Pediatric Errors for Chemo Patients Cause Concern
Statistics show that most harmful pediatric chemotherapy errors are due to an inability of contacting patients.
According to a study conducted by Dr. Marlene Miller at the John Hopkins School of Medicine, 85 percent of these errors are not identified until patients have received the prescription.
The U.S. medication error-reporting database, MEDMARX, claims that 310 chemotherapy errors for young patients had been reported from 69 different institutions.
Statistics show that about eight out of 10 of these errors actually reached the patient and were not caught by administration. Of these, 16 percent were harmful and required the patient’s to receive further care.
What Accounts for These Errors?
Most pediatric errors, about 41 percent are occurring as the result of human error. 31 percent of the cases are due to dispensing errors and 23 percent occurred because of mistakes in dosage.
With chemotherapy medications, the opportunity for error is greater considering the strength of the drugs.

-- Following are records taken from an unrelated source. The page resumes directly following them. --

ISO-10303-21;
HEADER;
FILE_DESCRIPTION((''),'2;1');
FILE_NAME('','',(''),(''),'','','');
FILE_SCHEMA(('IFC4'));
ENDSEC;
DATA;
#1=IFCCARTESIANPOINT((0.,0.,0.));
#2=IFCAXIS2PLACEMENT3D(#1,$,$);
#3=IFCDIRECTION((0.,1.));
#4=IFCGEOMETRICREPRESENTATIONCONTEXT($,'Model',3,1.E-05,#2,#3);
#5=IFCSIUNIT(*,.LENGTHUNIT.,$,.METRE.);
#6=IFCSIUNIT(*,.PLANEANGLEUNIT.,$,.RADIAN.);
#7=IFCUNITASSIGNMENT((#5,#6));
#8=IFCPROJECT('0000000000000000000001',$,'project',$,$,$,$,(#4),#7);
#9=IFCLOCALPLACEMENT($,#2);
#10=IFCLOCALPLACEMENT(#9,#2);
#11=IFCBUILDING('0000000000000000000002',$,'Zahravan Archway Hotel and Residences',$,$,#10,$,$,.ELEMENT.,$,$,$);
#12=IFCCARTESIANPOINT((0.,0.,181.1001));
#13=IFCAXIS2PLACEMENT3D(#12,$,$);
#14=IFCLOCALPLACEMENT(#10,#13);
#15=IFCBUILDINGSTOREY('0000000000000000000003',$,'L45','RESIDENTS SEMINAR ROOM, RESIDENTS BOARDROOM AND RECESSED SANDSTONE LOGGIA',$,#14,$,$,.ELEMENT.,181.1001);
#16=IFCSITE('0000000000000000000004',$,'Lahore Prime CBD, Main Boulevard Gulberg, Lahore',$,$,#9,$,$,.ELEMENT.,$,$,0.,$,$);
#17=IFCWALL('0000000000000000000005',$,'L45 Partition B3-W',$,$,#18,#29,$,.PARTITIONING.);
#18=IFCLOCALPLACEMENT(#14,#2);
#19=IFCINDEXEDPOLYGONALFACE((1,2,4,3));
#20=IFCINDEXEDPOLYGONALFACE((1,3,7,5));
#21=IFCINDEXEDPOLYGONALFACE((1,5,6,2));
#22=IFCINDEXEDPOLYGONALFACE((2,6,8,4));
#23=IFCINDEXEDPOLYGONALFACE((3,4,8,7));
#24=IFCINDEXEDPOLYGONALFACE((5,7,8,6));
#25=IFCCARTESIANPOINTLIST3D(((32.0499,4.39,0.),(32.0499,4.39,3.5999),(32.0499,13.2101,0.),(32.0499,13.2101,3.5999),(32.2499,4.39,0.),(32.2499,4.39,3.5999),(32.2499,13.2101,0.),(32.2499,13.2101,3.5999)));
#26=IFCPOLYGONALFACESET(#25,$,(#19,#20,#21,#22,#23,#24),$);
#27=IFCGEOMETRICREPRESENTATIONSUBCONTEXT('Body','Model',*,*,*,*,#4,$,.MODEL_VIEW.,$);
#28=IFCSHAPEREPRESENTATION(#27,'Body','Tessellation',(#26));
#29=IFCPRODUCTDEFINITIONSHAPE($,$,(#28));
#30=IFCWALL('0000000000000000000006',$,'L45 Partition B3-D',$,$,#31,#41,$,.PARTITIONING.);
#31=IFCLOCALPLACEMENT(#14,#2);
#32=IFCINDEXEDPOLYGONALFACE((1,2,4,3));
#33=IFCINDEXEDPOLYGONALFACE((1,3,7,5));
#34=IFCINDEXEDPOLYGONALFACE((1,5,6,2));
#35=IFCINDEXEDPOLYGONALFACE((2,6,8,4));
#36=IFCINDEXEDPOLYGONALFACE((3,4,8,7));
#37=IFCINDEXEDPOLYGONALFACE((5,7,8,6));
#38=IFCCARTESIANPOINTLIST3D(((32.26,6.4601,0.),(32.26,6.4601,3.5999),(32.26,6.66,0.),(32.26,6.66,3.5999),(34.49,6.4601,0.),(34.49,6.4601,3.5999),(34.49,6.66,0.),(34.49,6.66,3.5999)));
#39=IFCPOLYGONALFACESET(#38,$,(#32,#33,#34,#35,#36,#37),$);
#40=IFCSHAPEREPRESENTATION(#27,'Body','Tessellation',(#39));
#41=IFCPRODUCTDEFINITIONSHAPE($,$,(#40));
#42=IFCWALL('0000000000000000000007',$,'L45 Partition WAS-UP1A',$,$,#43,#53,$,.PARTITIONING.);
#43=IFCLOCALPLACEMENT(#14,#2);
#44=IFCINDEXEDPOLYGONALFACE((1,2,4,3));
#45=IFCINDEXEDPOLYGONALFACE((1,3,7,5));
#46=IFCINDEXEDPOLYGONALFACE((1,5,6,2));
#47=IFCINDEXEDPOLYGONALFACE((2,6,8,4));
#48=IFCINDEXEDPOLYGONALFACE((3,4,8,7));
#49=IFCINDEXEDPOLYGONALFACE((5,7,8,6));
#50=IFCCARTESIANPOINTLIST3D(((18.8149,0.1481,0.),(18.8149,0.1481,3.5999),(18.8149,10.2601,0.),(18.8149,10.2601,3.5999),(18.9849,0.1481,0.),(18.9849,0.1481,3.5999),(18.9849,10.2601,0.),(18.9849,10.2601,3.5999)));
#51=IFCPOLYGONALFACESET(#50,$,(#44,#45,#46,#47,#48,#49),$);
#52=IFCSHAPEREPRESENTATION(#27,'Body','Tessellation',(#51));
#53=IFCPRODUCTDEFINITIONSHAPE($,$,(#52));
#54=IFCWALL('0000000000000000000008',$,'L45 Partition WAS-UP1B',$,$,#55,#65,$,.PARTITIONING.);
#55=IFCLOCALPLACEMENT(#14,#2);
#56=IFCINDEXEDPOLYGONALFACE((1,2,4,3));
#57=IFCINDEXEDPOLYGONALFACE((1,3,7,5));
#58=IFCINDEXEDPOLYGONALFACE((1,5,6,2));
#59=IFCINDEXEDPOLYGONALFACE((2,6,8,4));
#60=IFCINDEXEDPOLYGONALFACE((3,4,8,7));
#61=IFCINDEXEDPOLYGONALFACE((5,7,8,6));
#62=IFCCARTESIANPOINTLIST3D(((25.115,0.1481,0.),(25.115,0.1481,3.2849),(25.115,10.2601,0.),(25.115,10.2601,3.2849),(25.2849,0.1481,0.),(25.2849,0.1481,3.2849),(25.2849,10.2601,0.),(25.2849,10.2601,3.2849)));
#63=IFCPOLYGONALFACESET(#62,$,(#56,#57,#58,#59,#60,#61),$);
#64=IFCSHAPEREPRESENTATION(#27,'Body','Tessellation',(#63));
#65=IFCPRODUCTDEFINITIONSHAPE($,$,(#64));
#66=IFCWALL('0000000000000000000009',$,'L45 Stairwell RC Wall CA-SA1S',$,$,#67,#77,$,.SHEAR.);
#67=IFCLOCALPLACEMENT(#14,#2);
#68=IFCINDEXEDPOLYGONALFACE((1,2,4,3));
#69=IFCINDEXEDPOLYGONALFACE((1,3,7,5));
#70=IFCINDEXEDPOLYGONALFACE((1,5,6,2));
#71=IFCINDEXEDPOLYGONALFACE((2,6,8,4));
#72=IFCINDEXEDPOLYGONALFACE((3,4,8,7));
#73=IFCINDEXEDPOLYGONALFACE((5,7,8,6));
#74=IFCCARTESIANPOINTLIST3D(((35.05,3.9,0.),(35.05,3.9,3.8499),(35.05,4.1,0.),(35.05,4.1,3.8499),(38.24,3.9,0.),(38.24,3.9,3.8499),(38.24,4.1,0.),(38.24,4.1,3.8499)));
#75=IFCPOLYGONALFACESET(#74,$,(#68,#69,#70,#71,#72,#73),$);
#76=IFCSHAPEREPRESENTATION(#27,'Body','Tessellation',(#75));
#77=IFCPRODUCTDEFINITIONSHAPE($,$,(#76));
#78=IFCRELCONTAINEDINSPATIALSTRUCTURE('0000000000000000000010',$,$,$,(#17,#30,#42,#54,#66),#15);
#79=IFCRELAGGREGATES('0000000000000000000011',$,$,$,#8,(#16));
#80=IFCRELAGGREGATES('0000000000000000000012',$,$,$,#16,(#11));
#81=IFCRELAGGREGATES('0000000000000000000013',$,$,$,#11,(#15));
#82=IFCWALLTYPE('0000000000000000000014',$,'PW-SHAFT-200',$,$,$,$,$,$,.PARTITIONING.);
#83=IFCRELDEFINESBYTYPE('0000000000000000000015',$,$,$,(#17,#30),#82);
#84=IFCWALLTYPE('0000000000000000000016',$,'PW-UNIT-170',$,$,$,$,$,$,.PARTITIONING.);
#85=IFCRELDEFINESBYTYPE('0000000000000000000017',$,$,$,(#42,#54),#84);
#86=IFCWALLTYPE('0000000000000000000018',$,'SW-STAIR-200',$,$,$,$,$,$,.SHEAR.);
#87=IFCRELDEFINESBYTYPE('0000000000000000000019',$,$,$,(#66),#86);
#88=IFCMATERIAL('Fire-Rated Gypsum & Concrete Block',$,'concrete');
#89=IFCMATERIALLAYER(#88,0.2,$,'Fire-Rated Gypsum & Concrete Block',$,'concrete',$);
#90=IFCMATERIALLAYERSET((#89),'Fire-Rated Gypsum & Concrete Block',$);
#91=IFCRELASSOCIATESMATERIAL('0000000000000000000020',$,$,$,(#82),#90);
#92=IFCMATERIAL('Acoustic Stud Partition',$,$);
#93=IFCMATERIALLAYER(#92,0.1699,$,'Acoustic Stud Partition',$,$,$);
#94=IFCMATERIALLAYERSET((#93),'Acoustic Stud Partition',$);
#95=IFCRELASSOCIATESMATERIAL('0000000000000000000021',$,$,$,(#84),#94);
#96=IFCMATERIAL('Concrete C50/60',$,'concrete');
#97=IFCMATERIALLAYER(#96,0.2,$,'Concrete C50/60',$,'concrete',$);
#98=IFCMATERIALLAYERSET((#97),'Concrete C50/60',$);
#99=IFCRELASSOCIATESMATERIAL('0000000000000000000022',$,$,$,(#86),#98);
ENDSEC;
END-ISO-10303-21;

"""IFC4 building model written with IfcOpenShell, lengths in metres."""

from ifc_helpers import new_model, si_unit, direction, frame, frame_2d, origin, place, context, subcontext, project, spatial, rectangle, extrude, material, layer, layer_set, type_object, element, save


model = new_model("IFC4")

# Units and contexts
model_context = context("Model", 3, precision=1e-05, world=origin(), true_north=direction((0.0, 1.0)))
body_context = subcontext(model_context, "Body", "Model", "MODEL_VIEW")
ifc_project = project(units=[si_unit("LENGTHUNIT", "METRE"), si_unit("PLANEANGLEUNIT", "RADIAN")], contexts=[model_context])

# Site, building, storey
site_placement = place(None, origin())
site = spatial("IfcSite", under=ifc_project, at=site_placement, Name="Lahore Prime CBD, Main Boulevard Gulberg, Lahore", CompositionType="ELEMENT", RefElevation=0.0)
building_placement = place(site_placement, origin())
building = spatial("IfcBuilding", under=site, at=building_placement, Name="Zahravan Archway Hotel and Residences", CompositionType="ELEMENT")
storey_placement = place(building_placement, frame((0.0, 0.0, 181.1001)))
storey = spatial("IfcBuildingStorey", under=building, at=storey_placement, Name="L45", Description="RESIDENTS SEMINAR ROOM, RESIDENTS BOARDROOM AND RECESSED SANDSTONE LOGGIA", CompositionType="ELEMENT", Elevation=181.1001)

# Shared definitions
ifc_material_1 = material(Name="Fire-Rated Gypsum & Concrete Block", Category="concrete")

# Walls
ifc_layer_1 = layer(ifc_material_1, 0.2, Name="Fire-Rated Gypsum & Concrete Block", Category="concrete")
ifc_layer_set_1 = layer_set([ifc_layer_1], Name="Fire-Rated Gypsum & Concrete Block")
wall_type_1 = type_object("IfcWallType", Name="PW-SHAFT-200", PredefinedType="PARTITIONING", material=ifc_layer_set_1)
wall_1_placement = place(storey_placement, frame((32.1499, 4.3899, 0.0), z_axis=(0.0, 0.0, 1.0), x_axis=(0.0, 1.0, 0.0)))
element("IfcWall", 1, at=wall_1_placement, inside=storey, type_object=wall_type_1, Name="L45 Partition B3-W", PredefinedType="PARTITIONING", context=body_context, shape_type="SweptSolid", body=[
    extrude(rectangle(XDim=8.8201, YDim=0.2, at=frame_2d((4.4102, 0.0))), origin(), (0.0, 0.0, 1.0), 3.5999),
])
wall_2_placement = place(storey_placement, frame((32.26, 6.5601, 0.0), z_axis=(0.0, 0.0, 1.0), x_axis=(1.0, 0.0, 0.0)))
element("IfcWall", 2, at=wall_2_placement, inside=storey, type_object=wall_type_1, Name="L45 Partition B3-D", PredefinedType="PARTITIONING", context=body_context, shape_type="SweptSolid", body=[
    extrude(rectangle(XDim=2.23, YDim=0.2, at=frame_2d((1.115, 0.0))), origin(), (0.0, 0.0, 1.0), 3.5999),
])
ifc_material_2 = material(Name="Acoustic Stud Partition")
ifc_layer_2 = layer(ifc_material_2, 0.1699, Name="Acoustic Stud Partition")
ifc_layer_set_2 = layer_set([ifc_layer_2], Name="Acoustic Stud Partition")
wall_type_2 = type_object("IfcWallType", Name="PW-UNIT-170", PredefinedType="PARTITIONING", material=ifc_layer_set_2)
wall_3_placement = place(storey_placement, frame((18.8999, 0.1479, 0.0), z_axis=(0.0, 0.0, 1.0), x_axis=(0.0, 1.0, 0.0)))
element("IfcWall", 3, at=wall_3_placement, inside=storey, type_object=wall_type_2, Name="L45 Partition WAS-UP1A", PredefinedType="PARTITIONING", context=body_context, shape_type="SweptSolid", body=[
    extrude(rectangle(XDim=10.1121, YDim=0.1699, at=frame_2d((5.0562, 0.0))), origin(), (0.0, 0.0, 1.0), 3.5999),
])
wall_4_placement = place(storey_placement, frame((25.2, 0.1479, 0.0), z_axis=(0.0, 0.0, 1.0), x_axis=(0.0, 1.0, 0.0)))
element("IfcWall", 4, at=wall_4_placement, inside=storey, type_object=wall_type_2, Name="L45 Partition WAS-UP1B", PredefinedType="PARTITIONING", context=body_context, shape_type="SweptSolid", body=[
    extrude(rectangle(XDim=10.1121, YDim=0.1699, at=frame_2d((5.0562, 0.0))), origin(), (0.0, 0.0, 1.0), 3.2849),
])
ifc_material_3 = material(Name="Concrete C50/60", Category="concrete")
ifc_layer_3 = layer(ifc_material_3, 0.2, Name="Concrete C50/60", Category="concrete")
ifc_layer_set_3 = layer_set([ifc_layer_3], Name="Concrete C50/60")
wall_type_3 = type_object("IfcWallType", Name="SW-STAIR-200", PredefinedType="SHEAR", material=ifc_layer_set_3)
wall_5_placement = place(storey_placement, frame((35.05, 4.0, 0.0), z_axis=(0.0, 0.0, 1.0), x_axis=(1.0, 0.0, 0.0)))
element("IfcWall", 5, at=wall_5_placement, inside=storey, type_object=wall_type_3, Name="L45 Stairwell RC Wall CA-SA1S", PredefinedType="SHEAR", context=body_context, shape_type="SweptSolid", body=[
    extrude(rectangle(XDim=3.1899, YDim=0.2, at=frame_2d((1.595, 0.0))), origin(), (0.0, 0.0, 1.0), 3.8499),
])

save(model, "model.ifc")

“I can give four times the amount of Motrin, and you will be fine,” explains Miller. “You cannot do that for chemo; they have a very narrow safety window.”
Action Being Taken
According to Miller, most hospitals use computer systems to determine the proper dosages to give to each patient, but oftentimes these systems exclude chemotherapy medications.
“Our struggle is to make something more error-free,” states Miller.
Sarah Scarpace a pediatric clinical pharmacist at UCSF suggests that the “time out” rule be enforced when it comes to handling chemotherapy medications.
“Everyone should take a ‘time out’ to verify this is the right drug. A moment when everyone steps back and makes sure the correct drug is being given at the right time, dose, to the right patient.”